Deborah Orr: The problem with equal opportunity for all

06 November 2009 » education, trevorblake

Some years ago, while I was at the local one o’clock club with my toddler, I was approached by a young lady with a clipboard. She was involved with a new government initiative called Sure Start, she explained, and wondered if I would mind answering a few questions. She didn’t ask many, because after I had responded to her early query about my postcode, she explained politely that my child wouldn’t qualify for the programme anyway.  That was fair enough, except that my street has a very broad socio-economic mix. While my own household is certainly not “deprived”, there are a lot of families on the street who are in a quite different position. When I pointed this out to her, she flicked her eyes down her list, and confirmed that on my short road there were indeed a lot of postcodes that did come within the ambit of the project. I found this level of detail to be impressive and reassuring.

As I say, this was a while back, and Sure Start has changed since that time. It now offers universal as well as targeted services, and the present plan is to have a Sure Start children’s centre in every community by next year. Yet this week Iram Siraj-Blatchford, who is a professor of early childhood education at the Institute of Education, warned a parliamentary inquiry into Sure Start that expansion of the programme would dilute its progress. “If you improve quality for everyone,” she said, “you can actually extend the gap.”  Therein lies the problem with the idea of equal opportunity for all. Some people are simply better placed to take advantage of opportunity, and if equality of outcome is what you are looking for, then the way to achieve it is by offering the greatest opportunity to the least advantaged, and – here’s the snag – vice versa. [...]

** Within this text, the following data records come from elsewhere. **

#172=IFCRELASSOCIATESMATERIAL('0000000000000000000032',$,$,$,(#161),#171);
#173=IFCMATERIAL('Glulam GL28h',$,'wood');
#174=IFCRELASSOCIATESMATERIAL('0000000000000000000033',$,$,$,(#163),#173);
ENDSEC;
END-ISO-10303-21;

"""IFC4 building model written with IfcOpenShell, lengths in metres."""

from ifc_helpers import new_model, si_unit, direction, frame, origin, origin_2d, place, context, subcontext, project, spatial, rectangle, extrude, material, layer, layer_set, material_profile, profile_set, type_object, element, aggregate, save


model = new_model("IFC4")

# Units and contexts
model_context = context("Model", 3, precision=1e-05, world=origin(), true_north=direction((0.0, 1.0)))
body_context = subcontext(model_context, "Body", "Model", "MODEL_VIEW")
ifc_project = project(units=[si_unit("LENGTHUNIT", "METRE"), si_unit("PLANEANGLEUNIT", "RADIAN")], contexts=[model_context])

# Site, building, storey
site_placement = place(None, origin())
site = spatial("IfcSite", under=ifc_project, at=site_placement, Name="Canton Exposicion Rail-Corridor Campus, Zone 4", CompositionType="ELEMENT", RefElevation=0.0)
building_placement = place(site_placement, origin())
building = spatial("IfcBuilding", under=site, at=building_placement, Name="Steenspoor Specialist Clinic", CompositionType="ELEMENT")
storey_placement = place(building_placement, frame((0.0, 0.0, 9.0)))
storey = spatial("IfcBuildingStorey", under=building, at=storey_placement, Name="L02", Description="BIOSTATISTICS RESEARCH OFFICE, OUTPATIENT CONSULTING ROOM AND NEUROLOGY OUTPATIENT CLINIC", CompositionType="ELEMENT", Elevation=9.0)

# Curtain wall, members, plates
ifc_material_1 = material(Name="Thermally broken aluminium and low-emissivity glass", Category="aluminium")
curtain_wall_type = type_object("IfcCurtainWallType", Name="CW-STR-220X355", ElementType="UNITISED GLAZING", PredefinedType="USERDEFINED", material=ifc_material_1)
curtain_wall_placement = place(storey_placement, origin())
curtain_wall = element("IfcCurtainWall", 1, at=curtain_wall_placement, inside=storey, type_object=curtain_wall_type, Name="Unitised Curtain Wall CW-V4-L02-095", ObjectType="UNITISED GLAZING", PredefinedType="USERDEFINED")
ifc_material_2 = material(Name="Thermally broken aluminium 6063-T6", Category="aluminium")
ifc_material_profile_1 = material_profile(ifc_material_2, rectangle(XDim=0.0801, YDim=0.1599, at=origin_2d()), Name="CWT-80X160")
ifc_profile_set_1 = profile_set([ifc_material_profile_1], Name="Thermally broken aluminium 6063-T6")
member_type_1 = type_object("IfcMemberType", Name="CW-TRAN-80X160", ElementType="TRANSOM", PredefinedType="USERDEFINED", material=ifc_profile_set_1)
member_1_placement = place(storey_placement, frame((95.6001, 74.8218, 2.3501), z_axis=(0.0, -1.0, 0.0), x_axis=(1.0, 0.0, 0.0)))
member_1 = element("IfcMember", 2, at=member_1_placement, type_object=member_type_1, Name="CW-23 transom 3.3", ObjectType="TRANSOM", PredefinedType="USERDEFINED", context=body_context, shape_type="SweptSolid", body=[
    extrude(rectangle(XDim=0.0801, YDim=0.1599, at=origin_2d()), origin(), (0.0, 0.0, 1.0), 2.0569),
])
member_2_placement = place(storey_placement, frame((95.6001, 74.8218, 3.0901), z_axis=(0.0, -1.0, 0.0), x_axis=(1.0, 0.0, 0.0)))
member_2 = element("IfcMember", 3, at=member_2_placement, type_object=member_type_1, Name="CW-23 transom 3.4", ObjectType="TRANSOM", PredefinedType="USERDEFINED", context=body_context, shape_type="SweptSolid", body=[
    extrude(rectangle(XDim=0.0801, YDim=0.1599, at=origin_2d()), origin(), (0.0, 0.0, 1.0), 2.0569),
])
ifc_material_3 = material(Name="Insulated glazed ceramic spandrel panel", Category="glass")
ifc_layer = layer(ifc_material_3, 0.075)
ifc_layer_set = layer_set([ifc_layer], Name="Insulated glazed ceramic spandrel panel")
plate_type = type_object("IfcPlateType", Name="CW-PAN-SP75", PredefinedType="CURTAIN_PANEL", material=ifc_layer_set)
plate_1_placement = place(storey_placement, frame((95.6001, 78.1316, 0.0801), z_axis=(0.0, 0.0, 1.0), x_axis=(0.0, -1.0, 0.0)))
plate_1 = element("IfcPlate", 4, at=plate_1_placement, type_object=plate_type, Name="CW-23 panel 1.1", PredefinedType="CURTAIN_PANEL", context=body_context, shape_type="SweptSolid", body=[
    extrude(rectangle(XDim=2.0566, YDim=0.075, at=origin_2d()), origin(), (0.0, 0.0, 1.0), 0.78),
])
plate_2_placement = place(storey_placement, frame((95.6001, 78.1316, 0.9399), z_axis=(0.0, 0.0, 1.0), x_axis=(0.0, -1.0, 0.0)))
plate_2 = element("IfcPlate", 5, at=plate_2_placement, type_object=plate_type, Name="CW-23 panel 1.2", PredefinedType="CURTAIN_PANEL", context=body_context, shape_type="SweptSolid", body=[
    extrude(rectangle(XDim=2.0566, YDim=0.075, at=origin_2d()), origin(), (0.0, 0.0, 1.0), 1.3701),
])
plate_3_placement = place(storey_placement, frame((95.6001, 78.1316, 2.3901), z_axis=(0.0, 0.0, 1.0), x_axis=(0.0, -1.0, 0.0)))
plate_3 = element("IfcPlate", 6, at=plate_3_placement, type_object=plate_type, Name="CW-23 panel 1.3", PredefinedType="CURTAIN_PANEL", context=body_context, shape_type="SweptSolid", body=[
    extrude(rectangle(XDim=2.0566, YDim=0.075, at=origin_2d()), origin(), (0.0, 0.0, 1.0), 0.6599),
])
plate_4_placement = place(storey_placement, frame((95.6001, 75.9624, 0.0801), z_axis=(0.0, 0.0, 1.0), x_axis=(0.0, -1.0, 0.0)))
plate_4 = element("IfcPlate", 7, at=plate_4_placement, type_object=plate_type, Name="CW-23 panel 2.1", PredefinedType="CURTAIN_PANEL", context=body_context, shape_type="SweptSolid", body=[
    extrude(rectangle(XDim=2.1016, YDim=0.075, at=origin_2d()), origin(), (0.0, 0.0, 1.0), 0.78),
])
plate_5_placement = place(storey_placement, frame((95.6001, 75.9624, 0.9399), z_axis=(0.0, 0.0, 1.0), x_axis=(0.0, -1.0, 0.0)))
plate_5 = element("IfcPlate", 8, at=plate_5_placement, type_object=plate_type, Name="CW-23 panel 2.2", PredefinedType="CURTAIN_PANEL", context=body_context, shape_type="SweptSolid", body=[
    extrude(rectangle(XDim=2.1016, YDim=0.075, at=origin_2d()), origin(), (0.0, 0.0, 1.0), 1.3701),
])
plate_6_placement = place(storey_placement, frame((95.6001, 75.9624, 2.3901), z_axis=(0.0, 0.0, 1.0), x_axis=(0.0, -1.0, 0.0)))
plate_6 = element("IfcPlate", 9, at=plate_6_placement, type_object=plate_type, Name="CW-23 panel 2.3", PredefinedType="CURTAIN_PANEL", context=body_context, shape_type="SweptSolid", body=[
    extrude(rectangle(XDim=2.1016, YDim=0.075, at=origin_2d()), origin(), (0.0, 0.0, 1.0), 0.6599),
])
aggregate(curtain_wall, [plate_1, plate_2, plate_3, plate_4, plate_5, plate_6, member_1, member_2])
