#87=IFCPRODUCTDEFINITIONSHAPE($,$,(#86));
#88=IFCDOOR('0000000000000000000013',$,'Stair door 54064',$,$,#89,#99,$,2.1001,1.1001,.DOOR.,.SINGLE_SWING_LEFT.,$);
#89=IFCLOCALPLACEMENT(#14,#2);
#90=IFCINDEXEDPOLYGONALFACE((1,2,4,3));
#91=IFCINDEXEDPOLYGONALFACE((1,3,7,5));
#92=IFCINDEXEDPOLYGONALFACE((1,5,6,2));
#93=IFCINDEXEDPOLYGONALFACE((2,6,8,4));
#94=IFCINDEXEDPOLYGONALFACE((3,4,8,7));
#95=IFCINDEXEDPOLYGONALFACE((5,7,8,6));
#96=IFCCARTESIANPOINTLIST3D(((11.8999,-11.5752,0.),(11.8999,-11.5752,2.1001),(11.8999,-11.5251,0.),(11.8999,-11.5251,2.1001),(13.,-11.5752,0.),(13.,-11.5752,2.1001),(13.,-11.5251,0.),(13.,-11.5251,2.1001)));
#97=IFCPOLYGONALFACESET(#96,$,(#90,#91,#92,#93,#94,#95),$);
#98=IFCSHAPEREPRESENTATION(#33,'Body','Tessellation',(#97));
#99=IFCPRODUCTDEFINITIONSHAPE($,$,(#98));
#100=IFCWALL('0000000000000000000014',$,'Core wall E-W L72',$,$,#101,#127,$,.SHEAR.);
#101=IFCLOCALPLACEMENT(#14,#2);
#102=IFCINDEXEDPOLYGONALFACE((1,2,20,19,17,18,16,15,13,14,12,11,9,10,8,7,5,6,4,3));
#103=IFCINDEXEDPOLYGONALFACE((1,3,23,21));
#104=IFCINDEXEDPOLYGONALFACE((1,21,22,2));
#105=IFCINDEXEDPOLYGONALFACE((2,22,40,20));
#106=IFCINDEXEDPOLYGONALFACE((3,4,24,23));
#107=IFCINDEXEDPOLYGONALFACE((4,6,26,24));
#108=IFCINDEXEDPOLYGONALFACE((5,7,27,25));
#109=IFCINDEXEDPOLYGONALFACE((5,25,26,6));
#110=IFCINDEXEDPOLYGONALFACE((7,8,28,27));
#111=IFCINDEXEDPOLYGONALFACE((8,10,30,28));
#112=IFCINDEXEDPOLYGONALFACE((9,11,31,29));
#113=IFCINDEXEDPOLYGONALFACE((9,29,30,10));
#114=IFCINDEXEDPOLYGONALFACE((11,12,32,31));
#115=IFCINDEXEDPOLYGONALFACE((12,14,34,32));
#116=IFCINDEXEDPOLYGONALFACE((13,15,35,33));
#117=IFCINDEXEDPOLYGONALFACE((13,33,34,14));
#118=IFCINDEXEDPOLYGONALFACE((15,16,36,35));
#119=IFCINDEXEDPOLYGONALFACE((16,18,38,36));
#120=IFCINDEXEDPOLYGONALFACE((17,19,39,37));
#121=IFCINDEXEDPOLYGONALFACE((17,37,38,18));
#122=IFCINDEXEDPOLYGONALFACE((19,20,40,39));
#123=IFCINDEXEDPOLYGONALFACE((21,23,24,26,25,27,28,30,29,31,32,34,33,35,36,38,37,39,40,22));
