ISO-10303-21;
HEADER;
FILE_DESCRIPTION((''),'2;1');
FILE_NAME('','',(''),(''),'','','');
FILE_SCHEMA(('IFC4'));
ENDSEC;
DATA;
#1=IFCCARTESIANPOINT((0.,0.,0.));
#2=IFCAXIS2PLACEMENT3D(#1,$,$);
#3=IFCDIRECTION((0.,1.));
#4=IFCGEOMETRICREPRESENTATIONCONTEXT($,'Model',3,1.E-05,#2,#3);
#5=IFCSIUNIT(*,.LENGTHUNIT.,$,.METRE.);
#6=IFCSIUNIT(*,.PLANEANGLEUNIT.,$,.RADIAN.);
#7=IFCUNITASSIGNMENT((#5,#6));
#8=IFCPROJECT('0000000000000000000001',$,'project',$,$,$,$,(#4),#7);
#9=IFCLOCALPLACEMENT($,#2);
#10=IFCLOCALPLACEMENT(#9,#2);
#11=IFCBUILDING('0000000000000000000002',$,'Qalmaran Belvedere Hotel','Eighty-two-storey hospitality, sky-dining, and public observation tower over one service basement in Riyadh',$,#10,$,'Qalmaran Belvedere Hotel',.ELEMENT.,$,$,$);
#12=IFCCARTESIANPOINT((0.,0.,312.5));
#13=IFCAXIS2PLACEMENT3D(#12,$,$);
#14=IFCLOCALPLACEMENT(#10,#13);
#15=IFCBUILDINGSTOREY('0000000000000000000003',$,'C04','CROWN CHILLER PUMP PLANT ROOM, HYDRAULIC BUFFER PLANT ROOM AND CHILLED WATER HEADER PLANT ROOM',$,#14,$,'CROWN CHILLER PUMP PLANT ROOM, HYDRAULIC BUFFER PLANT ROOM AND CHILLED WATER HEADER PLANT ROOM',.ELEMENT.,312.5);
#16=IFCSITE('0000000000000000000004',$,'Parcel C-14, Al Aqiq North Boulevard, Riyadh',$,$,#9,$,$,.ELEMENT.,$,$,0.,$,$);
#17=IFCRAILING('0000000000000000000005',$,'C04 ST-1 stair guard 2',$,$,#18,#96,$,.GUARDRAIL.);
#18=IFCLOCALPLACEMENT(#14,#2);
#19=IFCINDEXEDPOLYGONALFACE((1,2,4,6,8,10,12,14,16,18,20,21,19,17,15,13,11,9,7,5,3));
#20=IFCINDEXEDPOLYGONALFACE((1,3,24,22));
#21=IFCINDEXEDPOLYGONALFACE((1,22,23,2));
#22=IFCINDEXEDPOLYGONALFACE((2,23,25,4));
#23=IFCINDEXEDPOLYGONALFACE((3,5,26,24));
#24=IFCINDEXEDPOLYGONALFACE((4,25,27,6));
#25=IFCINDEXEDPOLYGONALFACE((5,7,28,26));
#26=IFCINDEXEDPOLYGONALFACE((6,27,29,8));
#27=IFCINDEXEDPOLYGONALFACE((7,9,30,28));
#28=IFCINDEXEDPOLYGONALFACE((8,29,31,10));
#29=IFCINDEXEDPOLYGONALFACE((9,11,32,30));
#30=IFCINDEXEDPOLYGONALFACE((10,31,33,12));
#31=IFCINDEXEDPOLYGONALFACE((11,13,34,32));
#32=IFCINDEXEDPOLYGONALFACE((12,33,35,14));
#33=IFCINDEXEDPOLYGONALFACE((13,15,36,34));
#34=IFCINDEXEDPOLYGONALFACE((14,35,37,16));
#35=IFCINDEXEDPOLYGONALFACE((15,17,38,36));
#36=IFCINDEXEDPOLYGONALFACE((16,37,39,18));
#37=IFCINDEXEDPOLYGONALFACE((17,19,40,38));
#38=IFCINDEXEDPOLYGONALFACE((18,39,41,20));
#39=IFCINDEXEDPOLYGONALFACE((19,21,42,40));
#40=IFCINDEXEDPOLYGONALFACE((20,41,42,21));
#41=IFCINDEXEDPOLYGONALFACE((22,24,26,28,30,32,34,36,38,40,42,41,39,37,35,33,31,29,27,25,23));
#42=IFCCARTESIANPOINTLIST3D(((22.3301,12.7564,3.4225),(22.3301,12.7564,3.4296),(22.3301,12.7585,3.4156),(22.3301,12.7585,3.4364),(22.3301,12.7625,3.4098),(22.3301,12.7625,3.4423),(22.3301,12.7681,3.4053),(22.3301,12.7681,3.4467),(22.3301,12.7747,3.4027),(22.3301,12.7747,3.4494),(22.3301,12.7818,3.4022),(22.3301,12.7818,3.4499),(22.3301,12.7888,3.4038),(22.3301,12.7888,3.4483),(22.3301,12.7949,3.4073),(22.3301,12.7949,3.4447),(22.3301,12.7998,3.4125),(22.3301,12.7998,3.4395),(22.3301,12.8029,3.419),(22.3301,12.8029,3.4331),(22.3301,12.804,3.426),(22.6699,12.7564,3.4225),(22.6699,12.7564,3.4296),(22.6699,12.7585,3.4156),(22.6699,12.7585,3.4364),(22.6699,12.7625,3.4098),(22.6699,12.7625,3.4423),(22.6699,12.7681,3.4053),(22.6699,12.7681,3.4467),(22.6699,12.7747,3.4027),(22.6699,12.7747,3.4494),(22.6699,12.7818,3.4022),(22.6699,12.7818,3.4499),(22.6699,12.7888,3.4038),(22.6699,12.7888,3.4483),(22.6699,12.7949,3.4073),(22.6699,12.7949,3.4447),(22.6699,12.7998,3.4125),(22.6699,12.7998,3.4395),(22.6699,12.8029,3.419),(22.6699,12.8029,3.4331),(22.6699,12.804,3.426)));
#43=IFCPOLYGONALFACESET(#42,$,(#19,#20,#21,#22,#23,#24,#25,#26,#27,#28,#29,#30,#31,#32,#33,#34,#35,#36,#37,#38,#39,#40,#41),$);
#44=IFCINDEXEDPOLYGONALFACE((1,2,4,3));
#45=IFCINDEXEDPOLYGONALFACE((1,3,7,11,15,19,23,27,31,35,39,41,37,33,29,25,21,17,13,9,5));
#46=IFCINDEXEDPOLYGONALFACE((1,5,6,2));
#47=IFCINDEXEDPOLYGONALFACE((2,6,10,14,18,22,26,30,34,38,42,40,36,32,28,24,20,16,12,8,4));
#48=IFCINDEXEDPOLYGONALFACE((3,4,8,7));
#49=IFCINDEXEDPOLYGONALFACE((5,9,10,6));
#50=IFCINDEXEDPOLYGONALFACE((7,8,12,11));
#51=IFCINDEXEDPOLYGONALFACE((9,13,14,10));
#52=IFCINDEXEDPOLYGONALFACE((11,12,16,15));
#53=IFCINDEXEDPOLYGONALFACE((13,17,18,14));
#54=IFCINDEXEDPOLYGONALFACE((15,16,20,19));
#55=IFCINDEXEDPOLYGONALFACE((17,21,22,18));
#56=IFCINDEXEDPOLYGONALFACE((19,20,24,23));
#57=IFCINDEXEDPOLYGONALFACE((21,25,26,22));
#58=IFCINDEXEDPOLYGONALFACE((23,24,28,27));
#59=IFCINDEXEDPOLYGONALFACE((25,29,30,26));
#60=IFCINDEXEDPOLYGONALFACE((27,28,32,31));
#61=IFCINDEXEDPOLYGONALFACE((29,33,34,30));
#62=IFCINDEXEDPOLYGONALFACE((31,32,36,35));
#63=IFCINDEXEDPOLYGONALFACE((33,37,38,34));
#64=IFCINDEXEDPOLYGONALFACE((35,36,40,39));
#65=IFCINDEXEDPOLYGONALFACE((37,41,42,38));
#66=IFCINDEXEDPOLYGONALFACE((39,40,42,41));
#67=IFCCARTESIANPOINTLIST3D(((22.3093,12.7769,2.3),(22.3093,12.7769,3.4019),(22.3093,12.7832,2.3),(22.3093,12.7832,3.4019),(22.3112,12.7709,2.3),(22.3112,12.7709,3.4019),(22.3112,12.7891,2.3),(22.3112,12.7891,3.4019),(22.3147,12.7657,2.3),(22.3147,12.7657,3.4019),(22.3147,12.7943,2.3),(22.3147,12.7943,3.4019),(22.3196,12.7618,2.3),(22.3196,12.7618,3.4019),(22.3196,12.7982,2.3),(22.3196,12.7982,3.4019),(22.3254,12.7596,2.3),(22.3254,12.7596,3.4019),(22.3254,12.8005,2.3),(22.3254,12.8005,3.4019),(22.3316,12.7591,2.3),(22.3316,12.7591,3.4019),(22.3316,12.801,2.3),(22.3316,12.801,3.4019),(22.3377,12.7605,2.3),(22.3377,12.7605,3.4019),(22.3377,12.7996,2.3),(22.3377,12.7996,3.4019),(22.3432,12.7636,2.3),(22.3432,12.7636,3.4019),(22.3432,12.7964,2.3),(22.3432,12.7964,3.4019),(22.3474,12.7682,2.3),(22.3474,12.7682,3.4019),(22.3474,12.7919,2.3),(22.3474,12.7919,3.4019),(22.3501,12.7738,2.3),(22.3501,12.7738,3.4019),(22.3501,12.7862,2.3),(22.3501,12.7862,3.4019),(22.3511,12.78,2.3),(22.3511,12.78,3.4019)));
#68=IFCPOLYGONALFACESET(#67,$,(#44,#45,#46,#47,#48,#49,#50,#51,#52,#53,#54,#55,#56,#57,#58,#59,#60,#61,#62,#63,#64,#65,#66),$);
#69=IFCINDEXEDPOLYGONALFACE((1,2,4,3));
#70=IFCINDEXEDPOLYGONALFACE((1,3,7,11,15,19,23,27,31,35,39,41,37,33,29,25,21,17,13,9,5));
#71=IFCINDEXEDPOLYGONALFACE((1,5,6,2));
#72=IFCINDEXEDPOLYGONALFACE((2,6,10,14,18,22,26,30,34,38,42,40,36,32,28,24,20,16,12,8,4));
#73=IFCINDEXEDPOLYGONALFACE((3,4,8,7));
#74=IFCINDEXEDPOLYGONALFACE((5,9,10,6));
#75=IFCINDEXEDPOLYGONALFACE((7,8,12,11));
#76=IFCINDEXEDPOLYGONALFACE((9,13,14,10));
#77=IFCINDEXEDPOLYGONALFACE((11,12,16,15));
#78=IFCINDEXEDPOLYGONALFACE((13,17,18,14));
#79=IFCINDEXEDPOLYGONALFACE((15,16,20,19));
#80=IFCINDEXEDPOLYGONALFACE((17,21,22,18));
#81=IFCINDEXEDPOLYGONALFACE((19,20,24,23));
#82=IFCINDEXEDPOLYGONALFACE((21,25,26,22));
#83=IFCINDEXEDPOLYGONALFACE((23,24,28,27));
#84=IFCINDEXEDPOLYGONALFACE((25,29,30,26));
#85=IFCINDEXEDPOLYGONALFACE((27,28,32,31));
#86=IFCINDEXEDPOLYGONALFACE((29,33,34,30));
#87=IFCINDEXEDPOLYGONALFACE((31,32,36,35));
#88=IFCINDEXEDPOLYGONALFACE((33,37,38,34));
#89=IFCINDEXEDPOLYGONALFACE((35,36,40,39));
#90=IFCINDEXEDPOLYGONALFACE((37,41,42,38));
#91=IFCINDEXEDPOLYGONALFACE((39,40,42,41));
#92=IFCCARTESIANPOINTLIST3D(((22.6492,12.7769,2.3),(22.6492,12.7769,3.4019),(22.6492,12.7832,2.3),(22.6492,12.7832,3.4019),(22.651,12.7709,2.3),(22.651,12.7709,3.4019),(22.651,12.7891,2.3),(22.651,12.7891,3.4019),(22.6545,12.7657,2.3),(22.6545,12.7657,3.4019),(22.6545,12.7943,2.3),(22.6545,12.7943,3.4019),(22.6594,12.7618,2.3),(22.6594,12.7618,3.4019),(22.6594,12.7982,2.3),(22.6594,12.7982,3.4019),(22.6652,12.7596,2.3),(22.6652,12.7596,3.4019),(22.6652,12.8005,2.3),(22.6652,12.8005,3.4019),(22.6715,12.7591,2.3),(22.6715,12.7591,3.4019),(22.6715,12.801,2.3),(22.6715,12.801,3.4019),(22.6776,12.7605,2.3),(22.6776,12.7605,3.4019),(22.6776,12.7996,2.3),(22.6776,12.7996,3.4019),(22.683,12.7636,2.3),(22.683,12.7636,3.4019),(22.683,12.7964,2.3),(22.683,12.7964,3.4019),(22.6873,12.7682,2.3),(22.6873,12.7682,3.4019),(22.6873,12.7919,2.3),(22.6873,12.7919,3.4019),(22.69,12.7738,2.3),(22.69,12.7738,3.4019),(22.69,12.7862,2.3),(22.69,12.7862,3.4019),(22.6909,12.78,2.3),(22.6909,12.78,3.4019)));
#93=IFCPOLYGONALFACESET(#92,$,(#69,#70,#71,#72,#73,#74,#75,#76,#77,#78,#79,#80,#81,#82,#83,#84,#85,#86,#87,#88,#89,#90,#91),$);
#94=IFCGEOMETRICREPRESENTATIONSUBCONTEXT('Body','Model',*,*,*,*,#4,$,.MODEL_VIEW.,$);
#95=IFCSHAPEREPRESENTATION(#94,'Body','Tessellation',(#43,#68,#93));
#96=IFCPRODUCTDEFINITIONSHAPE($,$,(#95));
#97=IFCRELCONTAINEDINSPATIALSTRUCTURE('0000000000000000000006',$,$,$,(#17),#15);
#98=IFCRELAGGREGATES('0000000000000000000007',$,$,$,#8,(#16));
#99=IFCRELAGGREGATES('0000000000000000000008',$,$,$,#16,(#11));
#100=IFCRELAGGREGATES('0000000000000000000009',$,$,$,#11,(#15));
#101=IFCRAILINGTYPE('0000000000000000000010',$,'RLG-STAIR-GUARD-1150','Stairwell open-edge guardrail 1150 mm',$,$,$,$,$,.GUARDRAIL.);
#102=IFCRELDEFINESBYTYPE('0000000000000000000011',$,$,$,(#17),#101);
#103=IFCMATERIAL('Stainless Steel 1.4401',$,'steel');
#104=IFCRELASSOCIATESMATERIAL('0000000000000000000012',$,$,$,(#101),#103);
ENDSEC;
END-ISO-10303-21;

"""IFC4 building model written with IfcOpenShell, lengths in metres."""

from ifc_helpers import new_model, si_unit, direction, frame, origin, origin_2d, place, context, subcontext, project, spatial, circle, extrude, material, type_object, element, save


model = new_model("IFC4")

# Units and contexts
model_context = context("Model", 3, precision=1e-05, world=origin(), true_north=direction((0.0, 1.0)))
body_context = subcontext(model_context, "Body", "Model", "MODEL_VIEW")
ifc_project = project(units=[si_unit("LENGTHUNIT", "METRE"), si_unit("PLANEANGLEUNIT", "RADIAN")], contexts=[model_context])

# Site, building, storey
site_placement = place(None, origin())
site = spatial("IfcSite", under=ifc_project, at=site_placement, Name="Parcel C-14, Al Aqiq North Boulevard, Riyadh", CompositionType="ELEMENT", RefElevation=0.0)
building_placement = place(site_placement, origin())
building = spatial("IfcBuilding", under=site, at=building_placement, Name="Qalmaran Belvedere Hotel", Description="Eighty-two-storey hospitality, sky-dining, and public observation tower over one service basement in Riyadh", LongName="Qalmaran Belvedere Hotel", CompositionType="ELEMENT")
storey_placement = place(building_placement, frame((0.0, 0.0, 312.5)))
storey = spatial("IfcBuildingStorey", under=building, at=storey_placement, Name="C04", Description="CROWN CHILLER PUMP PLANT ROOM, HYDRAULIC BUFFER PLANT ROOM AND CHILLED WATER HEADER PLANT ROOM", LongName="CROWN CHILLER PUMP PLANT ROOM, HYDRAULIC BUFFER PLANT ROOM AND CHILLED WATER HEADER PLANT ROOM", CompositionType="ELEMENT", Elevation=312.5)

# Shared definitions
ifc_material_1 = material(Name="Stainless Steel 1.4401", Category="steel")

# Railing
railing_type_1 = type_object("IfcRailingType", Name="RLG-STAIR-GUARD-1150", Description="Stairwell open-edge guardrail 1150 mm", PredefinedType="GUARDRAIL", material=ifc_material_1)
railing_1_placement = place(storey_placement, frame((22.3301, 12.78, 2.3)))
element("IfcRailing", 1, at=railing_1_placement, inside=storey, type_object=railing_type_1, Name="C04 ST-1 stair guard 2", PredefinedType="GUARDRAIL", context=body_context, shape_type="SweptSolid", body=[
    extrude(circle(Radius=0.0239, at=origin_2d()), frame((0.0, 0.0, 1.126), z_axis=(1.0, 0.0, 0.0), x_axis=(0.0, 1.0, 0.0)), (0.0, 0.0, 1.0), 0.3398),
    extrude(circle(Radius=0.021, at=origin_2d()), origin(), (0.0, 0.0, 1.0), 1.1018),
    extrude(circle(Radius=0.021, at=origin_2d()), frame((0.3398, 0.0, 0.0)), (0.0, 0.0, 1.0), 1.1018),
])

save(model, "model.ifc")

The more unequal your society is, the less well a comprehensive education system is likely to work. The experiment was conceived at a time when people felt unduly optimistic about increased social equality, which means it was, at best, badly timed and, at worst, simply misconceived.  When Siraj-Blatchford says that “if you improve quality for everyone, you can actually extend the gap”, she is really saying that if you give help to a range of people, whether they are in particular need of it or not, the intervention is simply going to equip even better those who were more likely to win the battle for scarce resources in the first place.

Article continues.  I am an advocate of offering as much equal opportunity as possible in education.  This is a sufficiently difficult task in itself to not complicate the matter by confusing opportunity with outcome.  When a student breaks out of limited expectations placed on them the effort to provide equal opportunity pays off.  There are no means to insure equal outcomes.  Measuring equal opportunity by equal outcome is an error.